In the past, confronted by flash, for example, the company would assign a worker to trim it or alter the process to try to make it go away. Today, empowered workers make a decision based on a troubleshooting checklist that isolates the root cause as being related to process or tooling, or the machine. 

“Our troubleshooting checklist doesn’t have things on it like, ‘If you’ve got shorts or flash, here’s the process change you make,’” Gattshall says. “None of that.” Once the protocol has been followed and it has been determined that the validated process hasn’t been altered, a conclusion is reached. “Then we would have to make a business decision on whether or not we can take the tool out of production immediately, but most of the time we do, and we take it to our new toolroom where we have the ability to fix the issue.” 

Finding the PM Sweet Spot
To keep tools from degrading to the point of flash, Henkel has also put in place a preventive maintenance (PM) program. At this time, it’s based on the number of cycles, but it, too, will evolve. After approximately 50,000 shots, Henkel’s toolroom will bring in a mold for a complete inspection. What happens before the next 50,000 shots depends. “If a tool doesn’t make it to 50,000 shots, the preventative maintenance frequency is too long,” Gattshall says. If at 50,000 shots, you tear the mold apart, start looking at the components and everything is clean as a whistle, you know that you can extend the preventative maintenance on that tool.”

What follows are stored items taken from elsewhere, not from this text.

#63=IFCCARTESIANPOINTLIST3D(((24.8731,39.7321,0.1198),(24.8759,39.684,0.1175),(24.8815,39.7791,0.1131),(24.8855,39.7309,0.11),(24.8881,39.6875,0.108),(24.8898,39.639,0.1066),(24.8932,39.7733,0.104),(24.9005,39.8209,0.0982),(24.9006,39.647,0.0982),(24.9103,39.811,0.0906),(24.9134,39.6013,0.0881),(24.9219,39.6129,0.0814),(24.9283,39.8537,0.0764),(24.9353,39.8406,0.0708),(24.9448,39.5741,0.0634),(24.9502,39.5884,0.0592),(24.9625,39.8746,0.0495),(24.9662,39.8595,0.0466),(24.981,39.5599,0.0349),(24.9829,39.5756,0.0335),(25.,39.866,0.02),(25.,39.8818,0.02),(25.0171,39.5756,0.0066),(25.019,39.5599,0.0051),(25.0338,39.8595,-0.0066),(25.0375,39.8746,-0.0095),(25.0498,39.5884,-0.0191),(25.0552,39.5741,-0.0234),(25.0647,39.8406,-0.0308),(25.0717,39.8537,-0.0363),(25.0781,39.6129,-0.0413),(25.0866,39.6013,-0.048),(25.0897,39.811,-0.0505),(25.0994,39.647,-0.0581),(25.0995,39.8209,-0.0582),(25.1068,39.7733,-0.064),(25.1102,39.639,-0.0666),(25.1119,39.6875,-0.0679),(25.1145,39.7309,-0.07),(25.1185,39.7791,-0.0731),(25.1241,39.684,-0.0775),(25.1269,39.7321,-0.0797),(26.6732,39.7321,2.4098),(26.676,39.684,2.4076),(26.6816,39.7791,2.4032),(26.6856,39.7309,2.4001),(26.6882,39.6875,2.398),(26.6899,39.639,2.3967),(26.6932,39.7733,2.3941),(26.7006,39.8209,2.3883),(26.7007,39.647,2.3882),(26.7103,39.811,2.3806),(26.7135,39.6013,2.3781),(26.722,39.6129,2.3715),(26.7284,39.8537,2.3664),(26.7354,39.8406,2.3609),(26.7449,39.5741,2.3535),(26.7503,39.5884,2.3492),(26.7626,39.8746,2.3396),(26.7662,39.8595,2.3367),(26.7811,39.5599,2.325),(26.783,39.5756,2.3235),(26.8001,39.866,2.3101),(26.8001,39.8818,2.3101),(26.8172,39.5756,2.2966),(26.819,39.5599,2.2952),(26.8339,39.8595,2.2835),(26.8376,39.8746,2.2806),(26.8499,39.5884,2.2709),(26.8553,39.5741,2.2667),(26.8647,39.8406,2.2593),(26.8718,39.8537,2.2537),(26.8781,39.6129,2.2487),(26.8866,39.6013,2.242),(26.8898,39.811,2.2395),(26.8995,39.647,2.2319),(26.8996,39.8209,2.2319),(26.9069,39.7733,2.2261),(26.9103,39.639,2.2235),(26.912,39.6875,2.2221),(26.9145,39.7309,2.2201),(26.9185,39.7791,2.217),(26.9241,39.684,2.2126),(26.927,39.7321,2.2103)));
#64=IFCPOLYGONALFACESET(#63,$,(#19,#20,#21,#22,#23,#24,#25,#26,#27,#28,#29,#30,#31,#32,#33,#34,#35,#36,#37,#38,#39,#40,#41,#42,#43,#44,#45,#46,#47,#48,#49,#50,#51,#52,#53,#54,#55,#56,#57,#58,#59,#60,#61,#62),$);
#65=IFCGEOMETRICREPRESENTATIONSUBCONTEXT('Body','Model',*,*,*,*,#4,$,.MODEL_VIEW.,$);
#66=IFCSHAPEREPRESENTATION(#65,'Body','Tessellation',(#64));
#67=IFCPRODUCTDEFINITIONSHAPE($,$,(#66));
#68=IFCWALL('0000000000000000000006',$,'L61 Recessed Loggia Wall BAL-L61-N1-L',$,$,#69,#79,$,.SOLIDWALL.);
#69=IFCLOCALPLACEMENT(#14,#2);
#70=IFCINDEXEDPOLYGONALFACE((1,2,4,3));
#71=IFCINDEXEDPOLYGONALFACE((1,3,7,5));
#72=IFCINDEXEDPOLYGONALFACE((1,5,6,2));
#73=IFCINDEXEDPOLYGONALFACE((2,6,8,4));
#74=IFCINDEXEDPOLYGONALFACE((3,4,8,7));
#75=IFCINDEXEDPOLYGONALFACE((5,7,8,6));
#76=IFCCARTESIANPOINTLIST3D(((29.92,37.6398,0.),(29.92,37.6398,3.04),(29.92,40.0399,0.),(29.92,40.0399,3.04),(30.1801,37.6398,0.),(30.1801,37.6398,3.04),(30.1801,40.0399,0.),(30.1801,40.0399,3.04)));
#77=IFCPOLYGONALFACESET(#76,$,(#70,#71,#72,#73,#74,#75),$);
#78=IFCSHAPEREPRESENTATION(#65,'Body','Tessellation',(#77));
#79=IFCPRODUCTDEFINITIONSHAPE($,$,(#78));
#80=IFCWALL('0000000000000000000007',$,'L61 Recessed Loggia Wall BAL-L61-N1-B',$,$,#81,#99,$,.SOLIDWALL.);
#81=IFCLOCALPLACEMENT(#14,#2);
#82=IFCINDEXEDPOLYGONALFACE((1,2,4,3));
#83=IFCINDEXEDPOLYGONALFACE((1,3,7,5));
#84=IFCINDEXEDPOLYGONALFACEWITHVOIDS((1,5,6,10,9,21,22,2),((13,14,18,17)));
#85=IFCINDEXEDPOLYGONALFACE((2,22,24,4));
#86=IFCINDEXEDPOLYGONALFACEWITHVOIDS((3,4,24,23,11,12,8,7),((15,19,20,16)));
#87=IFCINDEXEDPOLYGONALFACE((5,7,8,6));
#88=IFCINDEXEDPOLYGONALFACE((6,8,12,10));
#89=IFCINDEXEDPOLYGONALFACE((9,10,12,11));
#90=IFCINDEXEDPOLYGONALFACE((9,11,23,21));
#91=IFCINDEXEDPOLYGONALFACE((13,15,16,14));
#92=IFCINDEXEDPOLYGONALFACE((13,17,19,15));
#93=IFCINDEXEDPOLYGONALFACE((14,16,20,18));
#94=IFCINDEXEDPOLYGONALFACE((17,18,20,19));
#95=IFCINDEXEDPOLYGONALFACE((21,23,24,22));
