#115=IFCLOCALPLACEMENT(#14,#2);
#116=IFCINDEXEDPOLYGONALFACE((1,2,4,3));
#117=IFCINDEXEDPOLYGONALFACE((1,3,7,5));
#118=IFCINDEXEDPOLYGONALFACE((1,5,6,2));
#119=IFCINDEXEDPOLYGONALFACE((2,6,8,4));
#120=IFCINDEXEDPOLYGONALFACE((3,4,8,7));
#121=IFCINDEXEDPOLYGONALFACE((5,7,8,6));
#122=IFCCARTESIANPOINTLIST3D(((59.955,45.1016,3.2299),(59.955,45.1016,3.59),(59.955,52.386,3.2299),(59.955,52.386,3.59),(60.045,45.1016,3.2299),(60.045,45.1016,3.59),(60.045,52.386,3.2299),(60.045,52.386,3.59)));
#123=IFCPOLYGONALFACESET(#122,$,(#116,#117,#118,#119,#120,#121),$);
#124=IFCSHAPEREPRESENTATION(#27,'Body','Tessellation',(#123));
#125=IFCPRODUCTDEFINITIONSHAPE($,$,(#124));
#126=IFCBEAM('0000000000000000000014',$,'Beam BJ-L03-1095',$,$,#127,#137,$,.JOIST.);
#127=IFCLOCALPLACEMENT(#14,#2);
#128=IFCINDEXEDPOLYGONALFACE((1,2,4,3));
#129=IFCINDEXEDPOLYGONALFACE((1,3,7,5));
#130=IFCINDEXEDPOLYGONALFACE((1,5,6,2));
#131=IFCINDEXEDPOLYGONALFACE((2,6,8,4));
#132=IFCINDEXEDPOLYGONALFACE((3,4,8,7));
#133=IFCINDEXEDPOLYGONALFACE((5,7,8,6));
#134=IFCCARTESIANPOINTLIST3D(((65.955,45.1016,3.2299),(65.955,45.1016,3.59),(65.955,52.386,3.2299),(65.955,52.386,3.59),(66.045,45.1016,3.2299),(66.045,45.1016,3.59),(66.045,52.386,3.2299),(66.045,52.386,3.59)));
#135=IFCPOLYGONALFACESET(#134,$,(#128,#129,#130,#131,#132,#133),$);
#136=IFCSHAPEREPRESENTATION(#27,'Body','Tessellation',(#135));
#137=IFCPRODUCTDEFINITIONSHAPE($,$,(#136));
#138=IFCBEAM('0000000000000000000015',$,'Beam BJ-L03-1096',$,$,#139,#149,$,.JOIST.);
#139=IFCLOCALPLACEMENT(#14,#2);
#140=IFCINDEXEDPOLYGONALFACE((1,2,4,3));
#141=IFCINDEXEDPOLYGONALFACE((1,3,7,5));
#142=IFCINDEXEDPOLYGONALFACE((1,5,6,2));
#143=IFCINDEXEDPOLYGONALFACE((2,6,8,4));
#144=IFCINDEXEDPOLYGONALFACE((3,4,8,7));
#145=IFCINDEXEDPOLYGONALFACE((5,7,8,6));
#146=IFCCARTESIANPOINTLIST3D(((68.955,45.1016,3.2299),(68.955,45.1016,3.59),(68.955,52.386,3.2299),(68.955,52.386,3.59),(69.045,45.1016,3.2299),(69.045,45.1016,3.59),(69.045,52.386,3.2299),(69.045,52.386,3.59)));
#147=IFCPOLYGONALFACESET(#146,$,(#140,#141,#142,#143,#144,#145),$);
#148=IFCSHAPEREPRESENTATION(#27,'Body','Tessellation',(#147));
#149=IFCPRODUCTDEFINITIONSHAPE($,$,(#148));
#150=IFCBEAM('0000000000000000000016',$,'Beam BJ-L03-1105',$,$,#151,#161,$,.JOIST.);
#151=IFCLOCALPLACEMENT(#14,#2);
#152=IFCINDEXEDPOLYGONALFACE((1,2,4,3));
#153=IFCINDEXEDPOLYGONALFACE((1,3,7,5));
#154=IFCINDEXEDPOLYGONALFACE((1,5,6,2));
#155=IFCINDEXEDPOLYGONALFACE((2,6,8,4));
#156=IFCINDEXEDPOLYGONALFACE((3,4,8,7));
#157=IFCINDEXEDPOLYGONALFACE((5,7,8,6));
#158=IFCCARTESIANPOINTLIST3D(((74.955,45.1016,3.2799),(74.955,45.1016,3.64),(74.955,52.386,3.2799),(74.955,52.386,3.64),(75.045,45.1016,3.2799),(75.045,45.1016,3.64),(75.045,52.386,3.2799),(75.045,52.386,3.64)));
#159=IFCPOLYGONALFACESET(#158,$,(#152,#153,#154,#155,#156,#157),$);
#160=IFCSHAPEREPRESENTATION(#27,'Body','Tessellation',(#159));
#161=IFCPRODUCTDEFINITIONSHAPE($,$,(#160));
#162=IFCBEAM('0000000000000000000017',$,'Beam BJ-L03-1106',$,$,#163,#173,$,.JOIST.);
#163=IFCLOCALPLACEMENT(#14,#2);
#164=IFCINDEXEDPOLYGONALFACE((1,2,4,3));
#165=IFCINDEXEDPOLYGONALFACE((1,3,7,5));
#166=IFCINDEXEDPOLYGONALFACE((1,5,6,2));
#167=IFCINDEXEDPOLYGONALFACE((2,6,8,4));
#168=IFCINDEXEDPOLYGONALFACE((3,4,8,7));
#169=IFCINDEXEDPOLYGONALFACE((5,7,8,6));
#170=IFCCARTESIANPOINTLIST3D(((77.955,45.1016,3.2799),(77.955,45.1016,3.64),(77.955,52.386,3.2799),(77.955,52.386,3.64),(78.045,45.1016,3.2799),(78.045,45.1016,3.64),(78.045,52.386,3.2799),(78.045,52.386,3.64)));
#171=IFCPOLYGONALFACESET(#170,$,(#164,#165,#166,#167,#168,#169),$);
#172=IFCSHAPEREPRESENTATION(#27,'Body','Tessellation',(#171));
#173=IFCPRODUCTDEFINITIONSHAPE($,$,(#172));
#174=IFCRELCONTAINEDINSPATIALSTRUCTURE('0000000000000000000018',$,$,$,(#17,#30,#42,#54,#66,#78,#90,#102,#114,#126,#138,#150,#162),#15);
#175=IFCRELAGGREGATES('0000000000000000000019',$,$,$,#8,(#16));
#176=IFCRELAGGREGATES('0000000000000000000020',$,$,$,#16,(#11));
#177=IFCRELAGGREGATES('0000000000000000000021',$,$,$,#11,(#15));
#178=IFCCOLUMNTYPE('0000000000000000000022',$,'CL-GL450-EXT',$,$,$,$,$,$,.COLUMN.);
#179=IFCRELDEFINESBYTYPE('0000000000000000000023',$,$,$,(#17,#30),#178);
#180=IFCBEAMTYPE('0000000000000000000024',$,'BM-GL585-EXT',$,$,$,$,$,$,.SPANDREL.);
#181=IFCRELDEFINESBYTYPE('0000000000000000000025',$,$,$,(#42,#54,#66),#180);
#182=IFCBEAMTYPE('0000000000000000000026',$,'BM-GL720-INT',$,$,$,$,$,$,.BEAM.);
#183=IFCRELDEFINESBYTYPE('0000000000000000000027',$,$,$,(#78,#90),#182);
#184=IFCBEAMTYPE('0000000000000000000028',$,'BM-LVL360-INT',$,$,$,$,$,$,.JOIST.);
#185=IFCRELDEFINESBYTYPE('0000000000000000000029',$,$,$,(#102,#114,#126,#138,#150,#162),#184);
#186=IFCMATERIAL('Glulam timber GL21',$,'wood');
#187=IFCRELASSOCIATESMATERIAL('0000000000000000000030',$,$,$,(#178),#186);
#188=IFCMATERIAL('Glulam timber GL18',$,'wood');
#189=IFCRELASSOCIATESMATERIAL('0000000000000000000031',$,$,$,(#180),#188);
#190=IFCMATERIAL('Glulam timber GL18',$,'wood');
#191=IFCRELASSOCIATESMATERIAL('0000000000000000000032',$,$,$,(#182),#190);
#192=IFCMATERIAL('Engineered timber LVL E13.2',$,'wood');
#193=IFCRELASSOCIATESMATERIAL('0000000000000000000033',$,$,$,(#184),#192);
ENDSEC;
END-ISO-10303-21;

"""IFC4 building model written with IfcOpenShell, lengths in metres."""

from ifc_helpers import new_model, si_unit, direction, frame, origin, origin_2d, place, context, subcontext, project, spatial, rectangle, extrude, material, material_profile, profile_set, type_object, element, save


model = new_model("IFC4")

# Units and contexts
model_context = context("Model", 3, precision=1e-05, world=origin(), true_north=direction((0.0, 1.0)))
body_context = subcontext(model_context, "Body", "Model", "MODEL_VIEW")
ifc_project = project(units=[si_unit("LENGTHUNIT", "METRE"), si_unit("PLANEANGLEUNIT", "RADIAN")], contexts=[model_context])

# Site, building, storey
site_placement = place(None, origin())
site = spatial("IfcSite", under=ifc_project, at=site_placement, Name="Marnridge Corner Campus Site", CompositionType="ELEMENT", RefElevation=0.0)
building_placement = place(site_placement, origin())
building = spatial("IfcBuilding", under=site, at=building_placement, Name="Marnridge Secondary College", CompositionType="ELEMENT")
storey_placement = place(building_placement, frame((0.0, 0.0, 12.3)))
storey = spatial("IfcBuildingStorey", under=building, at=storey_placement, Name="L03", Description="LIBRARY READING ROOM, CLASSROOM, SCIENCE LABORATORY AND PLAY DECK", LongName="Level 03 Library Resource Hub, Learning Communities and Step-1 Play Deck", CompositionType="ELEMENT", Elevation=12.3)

The sweet spot lies somewhere in between and depends on a variety of factors, including the mold’s cavitation, the part’s design and the material being run. “We don’t want to do preventative maintenance on a tool if it’s not required,” he says, “and we want to make sure we’re doing more preventative maintenance if it is.”

Even further down the line, he says the goal is to have its production monitoring system from Northhamptonshire, UK-based Intouch Monitoring Ltd. trigger when maintenance is 
required. But beyond a cycle counter or process-
monitoring software, Gattshall emphasizes that Henkel’s operators are most important to its maintenance program. 

“Our operators might not be plastics experts, but they’re the process experts, because they run these tools every single day,” he says. “We rely on them with this troubleshooting checklist, and we actually empower them to make a decision.” 

Valuing Onsite Tool Maintenance
Gattshall says the toolroom continues to ramp up and, despite only opening at the start of the year, its impact has already been felt on the company’s bottom line. He credits Krueger with having the vision to see the impact it would have before a single grinder was installed. Krueger’s background might explain why he made the choice: “Greg Krueger was a toolmaker—a tooling engineer,” Gattshall says. “He understands the value of having onsite tool maintenance.”